Omelia (15-03-2019)
Casa di Preghiera San Biagio FMA
Commento su Mt 5,20-26

"In quel tempo, Gesù disse ai suoi discepoli: «Se la vostra giustizia non supererà quella degli scribi e dei farisei, non entrerete nel regno dei cieli."

Mt 5,20-26


Come vivere questa Parola?

Assuefatti a valutare tutto secondo il metro della giustizia retributiva (unicuique suum), pensiamo in genere che anche su di noi Dio farà pesare il giudizio insindacabile che guarda ai meriti. Oggi Gesù ci dice chiaramente che le cose non stanno così, perché la nostra giustizia non può essere altro che la giustificazione che il Signore attua in noi, facendo prevalere il suo perdono salvifico che solo è capace di rendere "giusti". Chi non riconosce questo irriducibile amore con cui Dio stesso copre benevolmente tutti i nostri peccati, sarà - lui sì! - spietato verso i suoi stessi fratelli, li taccerà di stupidità, di pazzia, e li liquiderà facilmente per mezzo anche solo di qualche parola storta. Per chi scopre invece la misura sovrabbondante ed eccessiva della giustizia di Dio, ci sarà solo da fare tabula rasa di tutti i crediti che ha accumulato sulla cartella del buon onore, ci sarà solo da perlustrare tutta la città alla ricerca di quell'unica persona che le mie facili battute se l'è legata al dito.

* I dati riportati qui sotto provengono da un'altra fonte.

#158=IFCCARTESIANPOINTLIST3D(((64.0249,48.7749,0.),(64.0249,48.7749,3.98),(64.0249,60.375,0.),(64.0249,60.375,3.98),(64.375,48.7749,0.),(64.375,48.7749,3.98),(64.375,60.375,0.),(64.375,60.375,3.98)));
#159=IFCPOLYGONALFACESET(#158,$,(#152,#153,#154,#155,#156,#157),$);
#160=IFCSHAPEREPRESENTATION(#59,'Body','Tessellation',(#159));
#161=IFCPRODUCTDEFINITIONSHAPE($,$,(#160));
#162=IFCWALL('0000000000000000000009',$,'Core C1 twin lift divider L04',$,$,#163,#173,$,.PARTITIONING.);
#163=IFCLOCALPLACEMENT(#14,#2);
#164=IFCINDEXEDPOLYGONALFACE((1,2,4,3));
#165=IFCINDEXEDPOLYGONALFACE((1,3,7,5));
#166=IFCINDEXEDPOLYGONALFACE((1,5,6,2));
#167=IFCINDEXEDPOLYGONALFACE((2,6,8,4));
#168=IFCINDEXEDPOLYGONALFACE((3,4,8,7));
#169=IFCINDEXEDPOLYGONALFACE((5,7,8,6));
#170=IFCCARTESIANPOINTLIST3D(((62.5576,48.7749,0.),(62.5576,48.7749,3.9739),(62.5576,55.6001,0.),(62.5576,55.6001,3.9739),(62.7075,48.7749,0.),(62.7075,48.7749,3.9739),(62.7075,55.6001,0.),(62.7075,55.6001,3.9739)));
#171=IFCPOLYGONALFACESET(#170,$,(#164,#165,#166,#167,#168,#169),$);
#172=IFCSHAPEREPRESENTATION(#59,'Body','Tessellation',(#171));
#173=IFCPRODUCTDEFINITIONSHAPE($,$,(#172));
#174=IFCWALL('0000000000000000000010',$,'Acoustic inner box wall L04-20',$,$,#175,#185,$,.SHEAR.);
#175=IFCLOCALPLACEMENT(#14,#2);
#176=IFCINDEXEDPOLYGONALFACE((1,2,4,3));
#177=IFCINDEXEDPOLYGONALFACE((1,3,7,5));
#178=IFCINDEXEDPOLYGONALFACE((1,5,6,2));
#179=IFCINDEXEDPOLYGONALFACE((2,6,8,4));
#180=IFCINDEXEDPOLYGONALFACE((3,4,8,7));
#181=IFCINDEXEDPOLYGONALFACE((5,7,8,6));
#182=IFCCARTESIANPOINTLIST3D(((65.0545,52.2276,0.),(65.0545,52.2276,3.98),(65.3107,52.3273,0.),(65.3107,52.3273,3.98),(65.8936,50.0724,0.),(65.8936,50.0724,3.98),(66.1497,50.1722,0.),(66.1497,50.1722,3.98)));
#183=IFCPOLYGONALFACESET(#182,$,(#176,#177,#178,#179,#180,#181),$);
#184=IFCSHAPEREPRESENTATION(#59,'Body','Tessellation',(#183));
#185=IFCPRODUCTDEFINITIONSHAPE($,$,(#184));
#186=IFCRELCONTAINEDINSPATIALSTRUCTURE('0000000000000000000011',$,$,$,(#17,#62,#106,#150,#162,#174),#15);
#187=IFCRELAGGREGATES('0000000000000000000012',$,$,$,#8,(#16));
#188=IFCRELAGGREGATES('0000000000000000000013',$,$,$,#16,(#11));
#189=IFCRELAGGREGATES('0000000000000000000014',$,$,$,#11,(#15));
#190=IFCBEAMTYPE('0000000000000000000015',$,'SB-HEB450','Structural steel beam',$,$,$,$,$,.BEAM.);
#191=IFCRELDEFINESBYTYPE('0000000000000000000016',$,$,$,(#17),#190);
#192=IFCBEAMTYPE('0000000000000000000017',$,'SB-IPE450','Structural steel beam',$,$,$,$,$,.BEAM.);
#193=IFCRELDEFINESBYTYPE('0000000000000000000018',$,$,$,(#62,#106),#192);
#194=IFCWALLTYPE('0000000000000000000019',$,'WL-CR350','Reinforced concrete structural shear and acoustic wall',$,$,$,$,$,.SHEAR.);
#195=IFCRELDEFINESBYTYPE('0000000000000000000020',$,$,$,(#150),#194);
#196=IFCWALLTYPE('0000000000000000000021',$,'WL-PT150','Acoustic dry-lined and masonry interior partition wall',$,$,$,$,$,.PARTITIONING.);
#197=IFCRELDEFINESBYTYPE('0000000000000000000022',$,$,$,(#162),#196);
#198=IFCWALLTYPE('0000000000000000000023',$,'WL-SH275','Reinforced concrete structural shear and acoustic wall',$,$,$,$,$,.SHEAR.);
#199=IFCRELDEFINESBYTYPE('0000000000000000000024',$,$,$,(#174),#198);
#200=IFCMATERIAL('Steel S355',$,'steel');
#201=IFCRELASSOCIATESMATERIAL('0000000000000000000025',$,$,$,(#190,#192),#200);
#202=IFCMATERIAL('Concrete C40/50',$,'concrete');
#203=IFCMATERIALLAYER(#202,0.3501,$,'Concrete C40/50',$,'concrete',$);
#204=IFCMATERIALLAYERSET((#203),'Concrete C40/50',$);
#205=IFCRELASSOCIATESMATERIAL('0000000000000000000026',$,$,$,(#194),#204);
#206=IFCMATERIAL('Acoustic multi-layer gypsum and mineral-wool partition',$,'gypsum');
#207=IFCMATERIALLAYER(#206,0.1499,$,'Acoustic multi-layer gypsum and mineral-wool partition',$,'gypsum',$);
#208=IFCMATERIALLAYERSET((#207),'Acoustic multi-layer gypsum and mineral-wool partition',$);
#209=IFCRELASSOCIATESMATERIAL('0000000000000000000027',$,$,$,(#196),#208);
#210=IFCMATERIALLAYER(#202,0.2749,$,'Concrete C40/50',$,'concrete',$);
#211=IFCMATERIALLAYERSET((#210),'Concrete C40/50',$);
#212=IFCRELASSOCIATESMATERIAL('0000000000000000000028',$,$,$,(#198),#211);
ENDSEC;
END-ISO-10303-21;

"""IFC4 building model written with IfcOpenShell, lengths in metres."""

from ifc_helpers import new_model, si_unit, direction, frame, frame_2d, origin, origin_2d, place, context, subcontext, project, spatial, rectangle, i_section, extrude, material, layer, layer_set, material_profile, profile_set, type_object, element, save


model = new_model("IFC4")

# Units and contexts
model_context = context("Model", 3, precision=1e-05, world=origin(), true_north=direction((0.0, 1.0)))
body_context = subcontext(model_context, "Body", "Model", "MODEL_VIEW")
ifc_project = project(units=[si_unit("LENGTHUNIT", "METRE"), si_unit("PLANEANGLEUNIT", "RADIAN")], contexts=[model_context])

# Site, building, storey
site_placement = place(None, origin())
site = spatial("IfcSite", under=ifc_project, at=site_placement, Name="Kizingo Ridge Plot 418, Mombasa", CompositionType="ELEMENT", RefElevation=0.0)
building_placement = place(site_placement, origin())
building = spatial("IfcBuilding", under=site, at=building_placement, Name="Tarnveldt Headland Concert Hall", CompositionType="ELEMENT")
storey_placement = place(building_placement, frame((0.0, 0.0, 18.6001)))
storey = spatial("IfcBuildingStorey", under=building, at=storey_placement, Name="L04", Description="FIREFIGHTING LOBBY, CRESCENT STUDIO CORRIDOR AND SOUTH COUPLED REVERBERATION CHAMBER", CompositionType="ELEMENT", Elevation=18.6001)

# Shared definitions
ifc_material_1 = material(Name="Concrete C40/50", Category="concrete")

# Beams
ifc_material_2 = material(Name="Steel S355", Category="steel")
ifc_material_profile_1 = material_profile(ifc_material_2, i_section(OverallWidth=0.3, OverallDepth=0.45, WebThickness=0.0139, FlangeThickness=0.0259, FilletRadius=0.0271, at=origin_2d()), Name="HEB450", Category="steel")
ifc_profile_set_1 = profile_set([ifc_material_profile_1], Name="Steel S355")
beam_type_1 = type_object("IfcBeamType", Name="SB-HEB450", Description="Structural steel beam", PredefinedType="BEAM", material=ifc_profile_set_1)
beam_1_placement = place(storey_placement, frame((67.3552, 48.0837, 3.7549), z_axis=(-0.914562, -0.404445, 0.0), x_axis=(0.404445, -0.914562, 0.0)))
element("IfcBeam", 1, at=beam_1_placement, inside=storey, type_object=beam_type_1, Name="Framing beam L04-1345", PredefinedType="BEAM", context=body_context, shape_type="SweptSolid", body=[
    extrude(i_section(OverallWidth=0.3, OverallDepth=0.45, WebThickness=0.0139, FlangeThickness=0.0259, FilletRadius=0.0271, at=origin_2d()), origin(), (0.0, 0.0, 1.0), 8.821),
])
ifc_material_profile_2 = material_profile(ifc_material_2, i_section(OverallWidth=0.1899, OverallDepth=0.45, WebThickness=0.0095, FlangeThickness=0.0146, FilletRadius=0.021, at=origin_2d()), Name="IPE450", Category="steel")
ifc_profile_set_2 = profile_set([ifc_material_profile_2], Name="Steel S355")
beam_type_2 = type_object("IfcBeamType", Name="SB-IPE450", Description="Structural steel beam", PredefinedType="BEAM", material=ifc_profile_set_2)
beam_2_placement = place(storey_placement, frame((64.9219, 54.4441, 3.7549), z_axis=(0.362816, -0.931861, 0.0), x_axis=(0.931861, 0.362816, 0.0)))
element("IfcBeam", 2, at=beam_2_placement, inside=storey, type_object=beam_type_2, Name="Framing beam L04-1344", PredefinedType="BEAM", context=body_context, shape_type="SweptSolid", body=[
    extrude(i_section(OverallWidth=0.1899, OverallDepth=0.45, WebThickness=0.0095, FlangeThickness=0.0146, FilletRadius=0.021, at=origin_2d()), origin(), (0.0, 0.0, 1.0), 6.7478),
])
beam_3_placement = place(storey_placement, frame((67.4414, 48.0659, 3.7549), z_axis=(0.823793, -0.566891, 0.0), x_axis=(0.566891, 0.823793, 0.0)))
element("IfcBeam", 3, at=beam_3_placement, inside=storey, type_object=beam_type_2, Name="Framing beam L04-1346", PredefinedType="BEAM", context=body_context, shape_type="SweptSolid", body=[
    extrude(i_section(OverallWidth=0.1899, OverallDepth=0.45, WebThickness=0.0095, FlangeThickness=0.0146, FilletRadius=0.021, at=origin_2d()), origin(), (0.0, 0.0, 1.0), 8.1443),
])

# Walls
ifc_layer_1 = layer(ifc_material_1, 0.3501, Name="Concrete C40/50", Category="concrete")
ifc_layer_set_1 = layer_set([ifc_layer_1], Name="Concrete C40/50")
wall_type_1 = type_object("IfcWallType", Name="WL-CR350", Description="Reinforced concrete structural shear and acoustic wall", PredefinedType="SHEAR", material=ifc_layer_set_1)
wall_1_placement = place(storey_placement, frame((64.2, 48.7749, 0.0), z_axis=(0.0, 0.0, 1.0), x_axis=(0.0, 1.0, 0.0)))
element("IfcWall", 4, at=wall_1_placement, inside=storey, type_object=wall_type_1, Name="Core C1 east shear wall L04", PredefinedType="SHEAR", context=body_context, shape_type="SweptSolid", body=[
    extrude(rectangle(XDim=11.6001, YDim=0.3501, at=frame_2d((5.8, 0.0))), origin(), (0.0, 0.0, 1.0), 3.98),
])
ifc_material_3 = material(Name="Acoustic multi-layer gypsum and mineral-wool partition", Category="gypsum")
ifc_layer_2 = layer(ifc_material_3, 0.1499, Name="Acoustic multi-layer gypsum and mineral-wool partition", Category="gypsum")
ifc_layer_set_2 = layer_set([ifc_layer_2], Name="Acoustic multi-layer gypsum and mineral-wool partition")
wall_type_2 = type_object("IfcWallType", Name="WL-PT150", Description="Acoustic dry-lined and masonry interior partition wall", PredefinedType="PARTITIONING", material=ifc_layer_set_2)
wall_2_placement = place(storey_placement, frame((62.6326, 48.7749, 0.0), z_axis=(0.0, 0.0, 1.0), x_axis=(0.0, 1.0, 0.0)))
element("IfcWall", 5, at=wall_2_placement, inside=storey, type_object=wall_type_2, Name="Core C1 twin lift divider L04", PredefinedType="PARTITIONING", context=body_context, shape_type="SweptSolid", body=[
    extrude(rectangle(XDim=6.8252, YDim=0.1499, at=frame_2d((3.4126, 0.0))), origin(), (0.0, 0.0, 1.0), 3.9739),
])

I nostri pensieri, spesso ossessivi e ricorrenti, scaturiscono dal flusso di coscienza che ininterrottamente emana giudizi contro le persone con cui abbiamo a che fare. È un corto circuito che si può interrompere solo se ci rendiamo conto che esistiamo perché qualcuno ci ha voluti ed accettati per come siamo: anche noi con i nostri difetti, limiti, contraddizioni... Sorveglierò allora il mio linguaggio perché ogni parola messa di traverso può essere un macigno gettato contro l'amore, contro l'accoglienza, contro l'accettazione del diverso da me.


La voce di un Padre

"A poco a poco ci abituiamo a parole che sono indegne di noi e le facciamo nostre con piacere, così che non ce ne vogliamo liberare, anche se le abbiamo accolte contro la nostra intenzione, per condiscendenza. In questo modo passiamo dalle parole inutili a quella dannose, da quelle di poco peso a quelle più impegnative, e la nostra bocca quando preghiamo è tanto meno esaudita dal Signore onnipotente quanto più è insozzata da parole sciocche."